As readers are probably aware, Britain goes to the polls tonight, in an election that is poised to solve at last the question of Brexit, if perhaps very little else.
In the last election, held just on two and a half years ago, the Conservatives lost their majority to finish with 317 of the 650 seats. They remained in government with the support of the Democratic Unionist Party (DUP) of Northern Ireland, which had ten seats. (Note that the number needed for a majority is a bit less than you might think, because the Speaker and the Sinn Féin MPs – of whom there are currently seven – don’t vote.)
But big things have happened in this parliament, even though it only ran for half its term. The Conservative Party has changed leaders, from Theresa May to Boris Johnson, and in the course of doing so about two dozen of its MPs left or were expelled, although some were later readmitted. The DUP also renounced its agreement with the Conservatives after Johnson’s Brexit deal promised to cut Northern Ireland loose.
Labour has not changed leaders, keeping Jeremy Corbyn after his better-than-expected performance last time. That also led to a (smaller) outflow of MPs, some of whom formed the group now known as Change UK, but its impact on the political scene has been negligible.
The Liberal Democrats, who are easily the third-largest party in terms of votes but are hugely disadvantaged by the electoral system, have changed leaders twice, with Jo Swinson now holding the job. Under her the party rose dramatically in the polls to peak at around 20%, before falling back to the low teens as the election approached.
There has been movement on the far right as well. After the collapse of the UK Independence Party vote in 2017 its founding leader, Nigel Farage, formed a new Brexit Party, which rose and fell even more spectacularly in the polls – topping 30% in the European Parliament election in May, only to decline steadily towards irrelevance as Johnson occupied most of its policy territory.
And to complete the picture, there are the non-English parts of the country, which more than ever seem like they are holding a quite separate election. The Scottish Nationalists won 35 seats last time with 3.0% of the vote (compared to the Lib Dems’ 12 from 7.4%), and will improve on that; the DUP may drop a couple of seats, particularly since its various opponents finally seem to be making an effort to combine forces against it.
Departure from the European Union remains the critical issue, but in a curiously unreal sort of way.
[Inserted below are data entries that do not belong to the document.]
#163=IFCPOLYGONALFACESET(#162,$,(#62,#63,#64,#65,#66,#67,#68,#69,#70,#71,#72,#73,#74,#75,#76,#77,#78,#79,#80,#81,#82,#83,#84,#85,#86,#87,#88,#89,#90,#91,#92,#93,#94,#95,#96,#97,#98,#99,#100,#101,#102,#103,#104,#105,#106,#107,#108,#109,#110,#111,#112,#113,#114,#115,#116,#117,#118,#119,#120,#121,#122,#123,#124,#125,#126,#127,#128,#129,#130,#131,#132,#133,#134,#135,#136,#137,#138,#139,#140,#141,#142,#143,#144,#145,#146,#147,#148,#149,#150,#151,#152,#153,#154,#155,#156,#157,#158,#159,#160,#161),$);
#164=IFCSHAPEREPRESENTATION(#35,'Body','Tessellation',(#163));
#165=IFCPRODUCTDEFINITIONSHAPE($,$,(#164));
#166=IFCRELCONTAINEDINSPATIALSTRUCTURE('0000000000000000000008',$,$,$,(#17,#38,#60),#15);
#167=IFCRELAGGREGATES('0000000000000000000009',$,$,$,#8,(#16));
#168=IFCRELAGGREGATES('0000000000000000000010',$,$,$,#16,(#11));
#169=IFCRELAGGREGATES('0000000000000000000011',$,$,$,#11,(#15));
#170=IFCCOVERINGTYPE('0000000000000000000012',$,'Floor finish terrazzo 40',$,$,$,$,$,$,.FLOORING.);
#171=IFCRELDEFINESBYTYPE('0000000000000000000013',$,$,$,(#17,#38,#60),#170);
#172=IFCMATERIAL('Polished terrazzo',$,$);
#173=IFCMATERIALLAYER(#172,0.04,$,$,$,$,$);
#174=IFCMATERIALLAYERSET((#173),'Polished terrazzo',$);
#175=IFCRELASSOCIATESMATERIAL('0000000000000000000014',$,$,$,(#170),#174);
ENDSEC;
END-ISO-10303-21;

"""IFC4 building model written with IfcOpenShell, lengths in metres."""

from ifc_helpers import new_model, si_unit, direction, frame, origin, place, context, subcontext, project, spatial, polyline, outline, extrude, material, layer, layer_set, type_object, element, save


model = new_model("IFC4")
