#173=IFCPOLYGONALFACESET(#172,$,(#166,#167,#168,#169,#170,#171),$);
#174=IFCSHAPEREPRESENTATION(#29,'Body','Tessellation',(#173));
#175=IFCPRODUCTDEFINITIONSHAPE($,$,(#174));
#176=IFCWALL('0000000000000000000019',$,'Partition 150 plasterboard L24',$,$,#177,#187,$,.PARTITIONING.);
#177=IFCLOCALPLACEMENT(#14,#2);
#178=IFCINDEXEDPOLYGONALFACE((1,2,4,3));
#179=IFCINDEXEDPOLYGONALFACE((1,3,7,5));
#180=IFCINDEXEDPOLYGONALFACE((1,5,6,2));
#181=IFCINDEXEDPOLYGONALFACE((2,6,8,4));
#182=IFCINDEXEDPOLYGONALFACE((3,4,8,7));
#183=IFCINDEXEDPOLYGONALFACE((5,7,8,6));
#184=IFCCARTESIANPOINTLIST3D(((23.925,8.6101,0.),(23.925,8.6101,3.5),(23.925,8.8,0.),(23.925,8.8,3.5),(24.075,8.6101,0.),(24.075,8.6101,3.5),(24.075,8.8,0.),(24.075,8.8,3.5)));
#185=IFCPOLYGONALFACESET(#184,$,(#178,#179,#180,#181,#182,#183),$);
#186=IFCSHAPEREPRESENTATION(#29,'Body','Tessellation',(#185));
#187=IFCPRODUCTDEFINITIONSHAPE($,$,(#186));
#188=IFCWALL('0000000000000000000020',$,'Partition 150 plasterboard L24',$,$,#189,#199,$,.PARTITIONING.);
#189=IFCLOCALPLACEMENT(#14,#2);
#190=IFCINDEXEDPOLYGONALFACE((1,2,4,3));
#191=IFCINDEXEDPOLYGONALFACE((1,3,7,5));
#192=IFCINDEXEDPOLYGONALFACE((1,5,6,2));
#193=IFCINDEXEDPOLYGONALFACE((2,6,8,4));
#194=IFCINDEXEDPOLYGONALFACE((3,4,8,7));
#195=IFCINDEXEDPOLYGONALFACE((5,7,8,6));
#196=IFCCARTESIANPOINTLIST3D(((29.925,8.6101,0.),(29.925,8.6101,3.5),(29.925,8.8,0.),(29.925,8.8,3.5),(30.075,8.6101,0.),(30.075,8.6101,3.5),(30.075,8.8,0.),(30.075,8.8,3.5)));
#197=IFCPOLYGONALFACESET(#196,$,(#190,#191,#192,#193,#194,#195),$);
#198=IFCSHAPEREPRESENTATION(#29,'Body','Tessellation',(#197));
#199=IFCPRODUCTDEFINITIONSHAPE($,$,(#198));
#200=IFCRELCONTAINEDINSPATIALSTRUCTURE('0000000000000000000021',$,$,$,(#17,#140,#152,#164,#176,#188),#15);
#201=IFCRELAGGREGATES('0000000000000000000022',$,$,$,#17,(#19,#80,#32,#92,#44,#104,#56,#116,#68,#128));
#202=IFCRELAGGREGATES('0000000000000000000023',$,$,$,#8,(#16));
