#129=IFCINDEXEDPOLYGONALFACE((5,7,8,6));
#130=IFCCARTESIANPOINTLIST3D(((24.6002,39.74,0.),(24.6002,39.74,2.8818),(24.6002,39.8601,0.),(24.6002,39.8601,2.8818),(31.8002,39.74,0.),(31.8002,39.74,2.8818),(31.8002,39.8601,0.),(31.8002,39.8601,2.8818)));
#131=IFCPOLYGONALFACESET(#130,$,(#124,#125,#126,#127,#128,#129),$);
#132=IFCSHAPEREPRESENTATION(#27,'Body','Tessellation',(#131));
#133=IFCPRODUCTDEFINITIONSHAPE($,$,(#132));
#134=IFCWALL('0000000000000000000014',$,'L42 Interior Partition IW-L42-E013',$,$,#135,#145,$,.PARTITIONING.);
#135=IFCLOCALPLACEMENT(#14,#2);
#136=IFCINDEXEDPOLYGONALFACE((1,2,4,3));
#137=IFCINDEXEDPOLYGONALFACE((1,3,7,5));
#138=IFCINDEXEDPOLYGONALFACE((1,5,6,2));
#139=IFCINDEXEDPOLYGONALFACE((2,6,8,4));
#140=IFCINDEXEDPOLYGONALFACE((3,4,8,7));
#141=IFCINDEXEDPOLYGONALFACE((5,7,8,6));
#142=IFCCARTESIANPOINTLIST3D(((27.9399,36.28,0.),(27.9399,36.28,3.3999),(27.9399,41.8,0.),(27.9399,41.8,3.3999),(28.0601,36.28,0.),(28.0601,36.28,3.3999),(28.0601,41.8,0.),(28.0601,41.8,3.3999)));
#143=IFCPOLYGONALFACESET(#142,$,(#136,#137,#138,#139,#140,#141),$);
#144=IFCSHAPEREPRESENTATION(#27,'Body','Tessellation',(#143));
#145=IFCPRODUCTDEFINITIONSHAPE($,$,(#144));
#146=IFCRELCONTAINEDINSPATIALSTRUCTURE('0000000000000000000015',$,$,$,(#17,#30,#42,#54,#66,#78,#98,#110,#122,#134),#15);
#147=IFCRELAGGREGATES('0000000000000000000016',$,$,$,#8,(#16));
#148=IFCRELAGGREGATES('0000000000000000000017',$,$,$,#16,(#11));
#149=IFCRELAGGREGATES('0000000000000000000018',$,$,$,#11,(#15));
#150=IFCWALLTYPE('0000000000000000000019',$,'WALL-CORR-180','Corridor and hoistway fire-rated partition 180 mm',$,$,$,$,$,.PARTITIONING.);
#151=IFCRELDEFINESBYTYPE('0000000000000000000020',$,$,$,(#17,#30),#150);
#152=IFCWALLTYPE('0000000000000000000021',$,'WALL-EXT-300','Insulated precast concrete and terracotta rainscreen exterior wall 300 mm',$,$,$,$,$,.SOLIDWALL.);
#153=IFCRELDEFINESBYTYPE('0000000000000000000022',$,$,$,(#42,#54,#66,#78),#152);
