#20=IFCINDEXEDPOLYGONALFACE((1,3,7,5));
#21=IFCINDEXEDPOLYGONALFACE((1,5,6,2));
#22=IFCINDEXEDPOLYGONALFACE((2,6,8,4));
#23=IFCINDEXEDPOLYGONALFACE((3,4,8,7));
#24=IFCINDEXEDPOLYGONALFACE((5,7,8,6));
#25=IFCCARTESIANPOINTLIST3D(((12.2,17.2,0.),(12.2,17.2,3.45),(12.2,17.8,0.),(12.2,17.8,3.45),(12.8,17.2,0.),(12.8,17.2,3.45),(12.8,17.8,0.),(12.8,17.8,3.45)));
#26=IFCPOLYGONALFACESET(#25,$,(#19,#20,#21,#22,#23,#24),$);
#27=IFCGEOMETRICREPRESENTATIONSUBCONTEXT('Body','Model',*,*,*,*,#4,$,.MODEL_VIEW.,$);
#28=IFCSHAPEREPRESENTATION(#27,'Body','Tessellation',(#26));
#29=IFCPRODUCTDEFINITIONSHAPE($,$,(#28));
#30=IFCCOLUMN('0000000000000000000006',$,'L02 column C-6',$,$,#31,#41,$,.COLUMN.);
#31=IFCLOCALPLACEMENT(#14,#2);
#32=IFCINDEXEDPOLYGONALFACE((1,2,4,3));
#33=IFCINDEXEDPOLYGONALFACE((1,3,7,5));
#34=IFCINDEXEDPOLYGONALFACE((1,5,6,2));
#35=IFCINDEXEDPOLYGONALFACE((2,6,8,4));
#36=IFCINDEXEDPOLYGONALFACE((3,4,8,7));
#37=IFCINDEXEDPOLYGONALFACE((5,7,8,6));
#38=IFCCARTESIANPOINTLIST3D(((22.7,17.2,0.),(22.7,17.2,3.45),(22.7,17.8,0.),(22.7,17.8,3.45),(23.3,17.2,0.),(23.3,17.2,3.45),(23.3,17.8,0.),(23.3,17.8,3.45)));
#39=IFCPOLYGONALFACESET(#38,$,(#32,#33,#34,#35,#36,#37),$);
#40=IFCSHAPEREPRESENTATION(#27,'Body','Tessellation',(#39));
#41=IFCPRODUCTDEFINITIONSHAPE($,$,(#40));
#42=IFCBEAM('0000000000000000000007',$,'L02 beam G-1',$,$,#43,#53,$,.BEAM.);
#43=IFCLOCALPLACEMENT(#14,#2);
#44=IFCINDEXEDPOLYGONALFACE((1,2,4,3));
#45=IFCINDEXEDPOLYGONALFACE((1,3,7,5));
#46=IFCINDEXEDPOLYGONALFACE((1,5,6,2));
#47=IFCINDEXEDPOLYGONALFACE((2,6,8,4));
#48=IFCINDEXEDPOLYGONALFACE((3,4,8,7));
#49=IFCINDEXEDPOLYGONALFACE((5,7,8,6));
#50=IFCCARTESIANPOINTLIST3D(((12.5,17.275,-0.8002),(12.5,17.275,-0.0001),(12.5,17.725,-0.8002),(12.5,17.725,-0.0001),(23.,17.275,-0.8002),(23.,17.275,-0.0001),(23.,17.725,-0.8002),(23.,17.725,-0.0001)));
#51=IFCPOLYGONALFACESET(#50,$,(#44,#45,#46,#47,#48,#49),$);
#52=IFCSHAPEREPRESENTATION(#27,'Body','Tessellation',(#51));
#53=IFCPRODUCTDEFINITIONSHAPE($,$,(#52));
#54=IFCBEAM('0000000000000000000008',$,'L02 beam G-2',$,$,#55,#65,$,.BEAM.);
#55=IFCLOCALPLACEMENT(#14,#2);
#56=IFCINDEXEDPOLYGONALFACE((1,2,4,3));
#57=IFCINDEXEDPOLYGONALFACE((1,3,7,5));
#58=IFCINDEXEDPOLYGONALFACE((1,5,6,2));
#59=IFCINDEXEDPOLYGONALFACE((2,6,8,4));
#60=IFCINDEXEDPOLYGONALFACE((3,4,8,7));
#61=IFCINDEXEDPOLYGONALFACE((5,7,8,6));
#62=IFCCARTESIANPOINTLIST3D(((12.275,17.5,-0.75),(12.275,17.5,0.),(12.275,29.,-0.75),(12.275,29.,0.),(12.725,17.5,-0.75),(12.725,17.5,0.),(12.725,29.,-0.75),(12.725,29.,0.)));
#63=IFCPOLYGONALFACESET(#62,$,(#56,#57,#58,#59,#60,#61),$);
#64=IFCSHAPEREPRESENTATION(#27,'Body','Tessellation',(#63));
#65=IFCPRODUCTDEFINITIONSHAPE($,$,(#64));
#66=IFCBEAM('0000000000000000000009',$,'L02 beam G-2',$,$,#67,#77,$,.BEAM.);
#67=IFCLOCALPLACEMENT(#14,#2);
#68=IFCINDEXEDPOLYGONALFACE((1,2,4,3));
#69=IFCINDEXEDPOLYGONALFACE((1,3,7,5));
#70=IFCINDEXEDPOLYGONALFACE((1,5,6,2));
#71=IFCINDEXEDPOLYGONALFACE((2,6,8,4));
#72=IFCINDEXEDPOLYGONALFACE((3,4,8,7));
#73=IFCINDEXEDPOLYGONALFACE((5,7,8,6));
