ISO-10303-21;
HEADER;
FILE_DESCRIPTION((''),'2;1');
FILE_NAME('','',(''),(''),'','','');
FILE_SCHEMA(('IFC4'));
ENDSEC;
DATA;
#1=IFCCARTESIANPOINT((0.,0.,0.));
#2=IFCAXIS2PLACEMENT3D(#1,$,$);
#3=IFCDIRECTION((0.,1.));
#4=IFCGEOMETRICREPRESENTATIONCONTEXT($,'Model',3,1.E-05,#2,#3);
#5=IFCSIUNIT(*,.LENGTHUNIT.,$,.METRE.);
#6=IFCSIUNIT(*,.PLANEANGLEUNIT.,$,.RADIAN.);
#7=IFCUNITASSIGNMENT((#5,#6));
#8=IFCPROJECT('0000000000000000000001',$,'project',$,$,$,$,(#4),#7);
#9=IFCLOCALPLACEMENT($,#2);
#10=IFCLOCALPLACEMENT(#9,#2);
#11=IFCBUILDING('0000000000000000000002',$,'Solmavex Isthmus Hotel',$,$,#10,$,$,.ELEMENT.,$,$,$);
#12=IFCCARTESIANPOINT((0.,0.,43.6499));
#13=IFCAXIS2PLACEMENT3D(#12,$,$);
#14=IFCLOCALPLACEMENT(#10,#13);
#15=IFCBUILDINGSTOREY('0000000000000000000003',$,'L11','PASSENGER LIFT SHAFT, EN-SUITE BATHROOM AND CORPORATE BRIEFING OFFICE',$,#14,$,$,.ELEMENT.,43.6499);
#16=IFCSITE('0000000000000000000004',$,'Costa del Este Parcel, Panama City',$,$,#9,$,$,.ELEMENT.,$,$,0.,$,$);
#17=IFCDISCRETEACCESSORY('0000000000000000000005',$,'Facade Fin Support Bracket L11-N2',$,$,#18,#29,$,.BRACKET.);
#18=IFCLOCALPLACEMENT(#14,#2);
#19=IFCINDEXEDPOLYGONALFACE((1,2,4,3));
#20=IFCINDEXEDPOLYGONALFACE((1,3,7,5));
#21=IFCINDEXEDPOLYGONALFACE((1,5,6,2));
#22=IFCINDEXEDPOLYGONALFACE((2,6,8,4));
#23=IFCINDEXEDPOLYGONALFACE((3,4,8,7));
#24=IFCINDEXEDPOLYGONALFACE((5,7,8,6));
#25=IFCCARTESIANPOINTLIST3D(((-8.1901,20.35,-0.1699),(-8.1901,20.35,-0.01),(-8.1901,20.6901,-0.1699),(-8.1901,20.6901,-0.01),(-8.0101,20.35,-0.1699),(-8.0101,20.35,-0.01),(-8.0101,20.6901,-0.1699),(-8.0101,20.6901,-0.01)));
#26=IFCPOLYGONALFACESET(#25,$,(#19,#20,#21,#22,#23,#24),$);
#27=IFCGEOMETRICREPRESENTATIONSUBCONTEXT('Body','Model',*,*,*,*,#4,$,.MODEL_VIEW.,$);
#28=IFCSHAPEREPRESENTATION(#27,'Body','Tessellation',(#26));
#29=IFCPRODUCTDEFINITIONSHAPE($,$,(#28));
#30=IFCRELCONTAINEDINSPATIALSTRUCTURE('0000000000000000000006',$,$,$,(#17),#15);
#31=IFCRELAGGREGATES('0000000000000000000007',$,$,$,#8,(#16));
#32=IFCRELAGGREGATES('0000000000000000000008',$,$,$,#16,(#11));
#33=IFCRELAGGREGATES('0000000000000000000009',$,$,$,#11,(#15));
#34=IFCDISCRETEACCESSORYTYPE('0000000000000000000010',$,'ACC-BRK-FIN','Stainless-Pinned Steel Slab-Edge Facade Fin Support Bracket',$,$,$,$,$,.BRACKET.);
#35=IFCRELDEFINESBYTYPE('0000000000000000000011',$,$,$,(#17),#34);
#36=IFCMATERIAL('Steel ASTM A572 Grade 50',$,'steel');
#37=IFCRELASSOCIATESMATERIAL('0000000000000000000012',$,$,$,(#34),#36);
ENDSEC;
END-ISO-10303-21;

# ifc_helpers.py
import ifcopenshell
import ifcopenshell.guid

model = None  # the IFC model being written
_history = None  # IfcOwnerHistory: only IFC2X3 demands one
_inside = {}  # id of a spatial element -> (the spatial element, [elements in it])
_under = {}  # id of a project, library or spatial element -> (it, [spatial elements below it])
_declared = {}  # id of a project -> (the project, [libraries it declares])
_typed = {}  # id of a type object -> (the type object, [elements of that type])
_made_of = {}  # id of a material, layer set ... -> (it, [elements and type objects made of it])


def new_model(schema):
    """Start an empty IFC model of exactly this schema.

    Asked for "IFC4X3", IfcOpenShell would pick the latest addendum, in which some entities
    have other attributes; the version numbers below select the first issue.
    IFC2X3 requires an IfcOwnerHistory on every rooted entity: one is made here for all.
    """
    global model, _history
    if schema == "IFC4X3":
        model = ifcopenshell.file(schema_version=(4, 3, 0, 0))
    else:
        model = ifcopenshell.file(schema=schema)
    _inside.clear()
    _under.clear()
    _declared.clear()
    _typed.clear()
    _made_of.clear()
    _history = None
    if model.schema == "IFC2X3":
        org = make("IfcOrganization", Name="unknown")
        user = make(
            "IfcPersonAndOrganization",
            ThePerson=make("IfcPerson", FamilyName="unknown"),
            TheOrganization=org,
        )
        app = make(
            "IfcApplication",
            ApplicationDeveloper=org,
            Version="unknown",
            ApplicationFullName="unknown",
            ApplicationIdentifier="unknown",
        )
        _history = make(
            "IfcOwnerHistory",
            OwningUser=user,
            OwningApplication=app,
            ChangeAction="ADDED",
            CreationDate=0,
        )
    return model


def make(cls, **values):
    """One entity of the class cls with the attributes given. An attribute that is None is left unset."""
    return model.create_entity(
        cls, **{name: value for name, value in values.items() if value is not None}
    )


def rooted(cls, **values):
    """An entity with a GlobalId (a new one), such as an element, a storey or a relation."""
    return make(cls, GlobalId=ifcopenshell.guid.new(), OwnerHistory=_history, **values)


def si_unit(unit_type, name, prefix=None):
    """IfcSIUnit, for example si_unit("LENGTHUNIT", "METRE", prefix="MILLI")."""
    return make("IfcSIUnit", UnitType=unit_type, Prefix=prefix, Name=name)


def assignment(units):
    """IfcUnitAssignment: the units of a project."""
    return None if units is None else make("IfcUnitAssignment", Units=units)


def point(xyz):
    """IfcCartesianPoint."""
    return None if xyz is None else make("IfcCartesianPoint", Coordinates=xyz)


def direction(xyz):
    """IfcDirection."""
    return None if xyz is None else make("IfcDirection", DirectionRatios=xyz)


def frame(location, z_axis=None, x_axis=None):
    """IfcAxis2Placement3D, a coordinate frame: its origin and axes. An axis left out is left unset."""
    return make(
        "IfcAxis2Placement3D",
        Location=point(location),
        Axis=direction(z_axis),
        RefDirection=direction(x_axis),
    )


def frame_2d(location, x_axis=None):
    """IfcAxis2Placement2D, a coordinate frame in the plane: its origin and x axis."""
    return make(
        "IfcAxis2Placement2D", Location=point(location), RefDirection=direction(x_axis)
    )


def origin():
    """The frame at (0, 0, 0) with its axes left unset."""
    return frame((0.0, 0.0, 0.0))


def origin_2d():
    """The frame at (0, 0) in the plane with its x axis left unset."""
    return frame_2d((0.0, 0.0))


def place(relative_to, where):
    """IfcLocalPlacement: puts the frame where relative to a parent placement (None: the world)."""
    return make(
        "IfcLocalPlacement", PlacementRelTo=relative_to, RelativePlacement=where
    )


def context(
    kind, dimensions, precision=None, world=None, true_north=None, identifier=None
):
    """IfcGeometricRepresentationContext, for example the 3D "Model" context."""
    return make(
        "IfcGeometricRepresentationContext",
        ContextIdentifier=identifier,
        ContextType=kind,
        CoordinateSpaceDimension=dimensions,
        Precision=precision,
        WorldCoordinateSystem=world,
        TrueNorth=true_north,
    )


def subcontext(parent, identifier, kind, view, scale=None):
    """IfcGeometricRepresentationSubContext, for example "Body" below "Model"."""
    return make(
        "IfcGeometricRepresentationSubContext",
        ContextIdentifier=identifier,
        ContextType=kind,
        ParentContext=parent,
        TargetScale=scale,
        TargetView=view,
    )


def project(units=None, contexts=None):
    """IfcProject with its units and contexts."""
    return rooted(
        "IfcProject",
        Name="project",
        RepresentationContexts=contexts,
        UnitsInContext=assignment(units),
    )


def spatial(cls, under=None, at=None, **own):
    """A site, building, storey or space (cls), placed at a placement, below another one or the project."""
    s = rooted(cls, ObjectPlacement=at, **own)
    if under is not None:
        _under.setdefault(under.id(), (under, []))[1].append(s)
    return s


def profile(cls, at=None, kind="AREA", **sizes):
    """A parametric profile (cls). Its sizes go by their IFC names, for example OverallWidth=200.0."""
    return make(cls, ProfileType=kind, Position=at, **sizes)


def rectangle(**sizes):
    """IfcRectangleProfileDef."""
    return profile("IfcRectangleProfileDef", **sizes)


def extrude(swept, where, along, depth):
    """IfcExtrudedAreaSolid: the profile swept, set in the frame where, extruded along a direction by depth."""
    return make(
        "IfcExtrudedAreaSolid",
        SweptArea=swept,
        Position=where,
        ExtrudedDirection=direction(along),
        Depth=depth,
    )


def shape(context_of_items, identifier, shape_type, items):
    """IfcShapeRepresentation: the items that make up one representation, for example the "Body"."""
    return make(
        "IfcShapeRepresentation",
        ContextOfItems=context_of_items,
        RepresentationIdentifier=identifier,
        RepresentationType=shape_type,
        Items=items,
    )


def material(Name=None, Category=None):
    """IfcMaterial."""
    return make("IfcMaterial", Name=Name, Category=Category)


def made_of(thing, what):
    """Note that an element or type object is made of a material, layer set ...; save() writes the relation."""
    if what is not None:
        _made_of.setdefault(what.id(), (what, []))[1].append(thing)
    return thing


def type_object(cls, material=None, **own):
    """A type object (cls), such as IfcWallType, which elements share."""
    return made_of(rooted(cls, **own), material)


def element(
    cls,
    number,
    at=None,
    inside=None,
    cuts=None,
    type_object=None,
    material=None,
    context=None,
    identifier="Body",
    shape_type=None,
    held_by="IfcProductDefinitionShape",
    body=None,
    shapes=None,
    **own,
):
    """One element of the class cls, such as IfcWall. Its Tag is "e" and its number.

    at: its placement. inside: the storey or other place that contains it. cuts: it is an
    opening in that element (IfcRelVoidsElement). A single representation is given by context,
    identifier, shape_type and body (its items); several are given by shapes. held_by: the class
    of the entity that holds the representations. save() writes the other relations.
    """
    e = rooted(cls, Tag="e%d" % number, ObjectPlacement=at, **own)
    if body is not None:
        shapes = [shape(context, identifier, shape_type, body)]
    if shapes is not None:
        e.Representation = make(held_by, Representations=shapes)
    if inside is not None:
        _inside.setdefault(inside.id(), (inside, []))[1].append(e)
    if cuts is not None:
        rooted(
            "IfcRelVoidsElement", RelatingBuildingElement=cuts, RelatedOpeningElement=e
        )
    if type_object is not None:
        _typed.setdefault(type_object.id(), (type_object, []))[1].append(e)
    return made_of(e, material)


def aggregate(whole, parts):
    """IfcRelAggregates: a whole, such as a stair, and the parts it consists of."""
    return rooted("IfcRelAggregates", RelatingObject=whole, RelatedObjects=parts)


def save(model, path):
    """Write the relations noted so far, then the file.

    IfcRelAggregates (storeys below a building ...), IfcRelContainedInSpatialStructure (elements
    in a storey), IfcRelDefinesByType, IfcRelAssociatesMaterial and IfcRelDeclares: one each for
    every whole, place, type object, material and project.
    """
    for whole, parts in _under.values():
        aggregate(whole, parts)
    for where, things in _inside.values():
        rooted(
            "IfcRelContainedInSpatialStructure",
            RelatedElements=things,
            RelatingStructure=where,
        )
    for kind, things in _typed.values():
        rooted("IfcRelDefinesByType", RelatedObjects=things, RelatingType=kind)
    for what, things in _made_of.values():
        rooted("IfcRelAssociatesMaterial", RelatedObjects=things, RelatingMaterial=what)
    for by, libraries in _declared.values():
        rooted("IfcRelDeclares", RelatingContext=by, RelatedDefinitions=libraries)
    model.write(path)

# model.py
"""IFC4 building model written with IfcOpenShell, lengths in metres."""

from ifc_helpers import new_model, si_unit, direction, frame, origin, origin_2d, place, context, subcontext, project, spatial, rectangle, extrude, material, type_object, element, save


model = new_model("IFC4")

# Units and contexts
model_context = context("Model", 3, precision=1e-05, world=origin(), true_north=direction((0.0, 1.0)))
body_context = subcontext(model_context, "Body", "Model", "MODEL_VIEW")
ifc_project = project(units=[si_unit("LENGTHUNIT", "METRE"), si_unit("PLANEANGLEUNIT", "RADIAN")], contexts=[model_context])

# Site, building, storey
site_placement = place(None, origin())
site = spatial("IfcSite", under=ifc_project, at=site_placement, Name="Costa del Este Parcel, Panama City", CompositionType="ELEMENT", RefElevation=0.0)
building_placement = place(site_placement, origin())
building = spatial("IfcBuilding", under=site, at=building_placement, Name="Solmavex Isthmus Hotel", CompositionType="ELEMENT")
storey_placement = place(building_placement, frame((0.0, 0.0, 43.6499)))
storey = spatial("IfcBuildingStorey", under=building, at=storey_placement, Name="L11", Description="PASSENGER LIFT SHAFT, EN-SUITE BATHROOM AND CORPORATE BRIEFING OFFICE", CompositionType="ELEMENT", Elevation=43.6499)

# Discrete accessory
ifc_material_1 = material(Name="Steel ASTM A572 Grade 50", Category="steel")
discrete_accessory_type = type_object("IfcDiscreteAccessoryType", Name="ACC-BRK-FIN", Description="Stainless-Pinned Steel Slab-Edge Facade Fin Support Bracket", PredefinedType="BRACKET", material=ifc_material_1)
discrete_accessory_placement = place(storey_placement, frame((-8.1001, 20.52, -0.1699), z_axis=(0.0, 0.0, 1.0), x_axis=(0.0, 1.0, 0.0)))
element("IfcDiscreteAccessory", 1, at=discrete_accessory_placement, inside=storey, type_object=discrete_accessory_type, Name="Facade Fin Support Bracket L11-N2", PredefinedType="BRACKET", context=body_context, shape_type="SweptSolid", body=[
    extrude(rectangle(XDim=0.3401, YDim=0.1799, at=origin_2d()), origin(), (0.0, 0.0, 1.0), 0.1599),
])

save(model, "model.ifc")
Johnson promises to “Get Brexit done”: possible only in the narrow sense that if he wins then Britain really will leave. But the terms of its future relationship with Europe will remain a bone of contention for years to come, replaying most of the arguments of the last three years.
Corbyn, on the other hand, is committed to tearing up Johnson’s agreement and going back to the drawing board with the EU, with whatever emerges from that process to be put to a referendum in which “remain” will be an option. Outside that minimalist description, no-one knows what such a referendum will look like or what result it might produce.
So, how much of this will have an effect on how people vote tonight? Probably a lot less than was expected two or three months ago.
The trends that were already apparent in 2017 are likely to continue. The Tories will lose further ground in London and the south, to both the Lib Dems and Labour. But they will gain in the “leave”-voting areas of Labour’s northern heartland. Realignment really is happening, but only gradually.
How much they will gain is not clear. Winning seats from Labour isn’t going to be easy; few of the heartland seats are actually marginal, and their Labour voters tend to be rusted on – even if they disagree vehemently with Corbyn’s (very reluctant) pro-Europeanism.
And the Tories have the further problem that a clear win in England might not be enough, with the loss of most of their Scottish seats. The most recent polling, however, suggests that the SNP, while gaining, will not quite return to the heights of 2015, when it won 56 seats out of a possible 59.
All that said, a Conservative majority is the most likely outcome. It could still be quite a large one at that, but most forecasts are tipping something more on the small side: YouGov’s final model gives a nine point lead and a 28-seat majority.
On the other hand, if the polls are overstating the Tory vote and Johnson’s opponents manage to get the hang of tactical voting, then a Corbyn government is on the cards. Not with a majority in its own right – everyone understands that that is out of reach – but with the support of the Lib Dems and SNP, who, despite their protests, will surely go along when the alternative is an immediate Brexit.
Most intriguingly, it may be none of the above. Johnson may fail to win a majority, but so may the anti-Brexit forces, leaving the DUP and independents again with the balance of power. At that point we’re back to square one: it seems unimaginable that they could put IRA-supporter Corbyn in power, but almost as unlikely that they would reward Johnson for his betrayal of them.
And while the purge of anti-Johnson and anti-Brexit Tories has been pretty comprehensive, there will be enough of them left to be able to make trouble if Johnson’s majority can’t get above single figures.
Finally, a note for those watching from eastern Australia. British elections usually happen in the northern summer, or southern winter, so on this occasion the switch in daylight saving means that Britain is two hours further behind than usual – 11 hours rather than nine.
The peak time for results to come in is generally between about 2am and 4am in Britain, which will now be about 1pm to 3pm here. Last time around, I called the result at 5.30am London time, which was 2.30pm in Melbourne, but tomorrow it will be 4.30pm.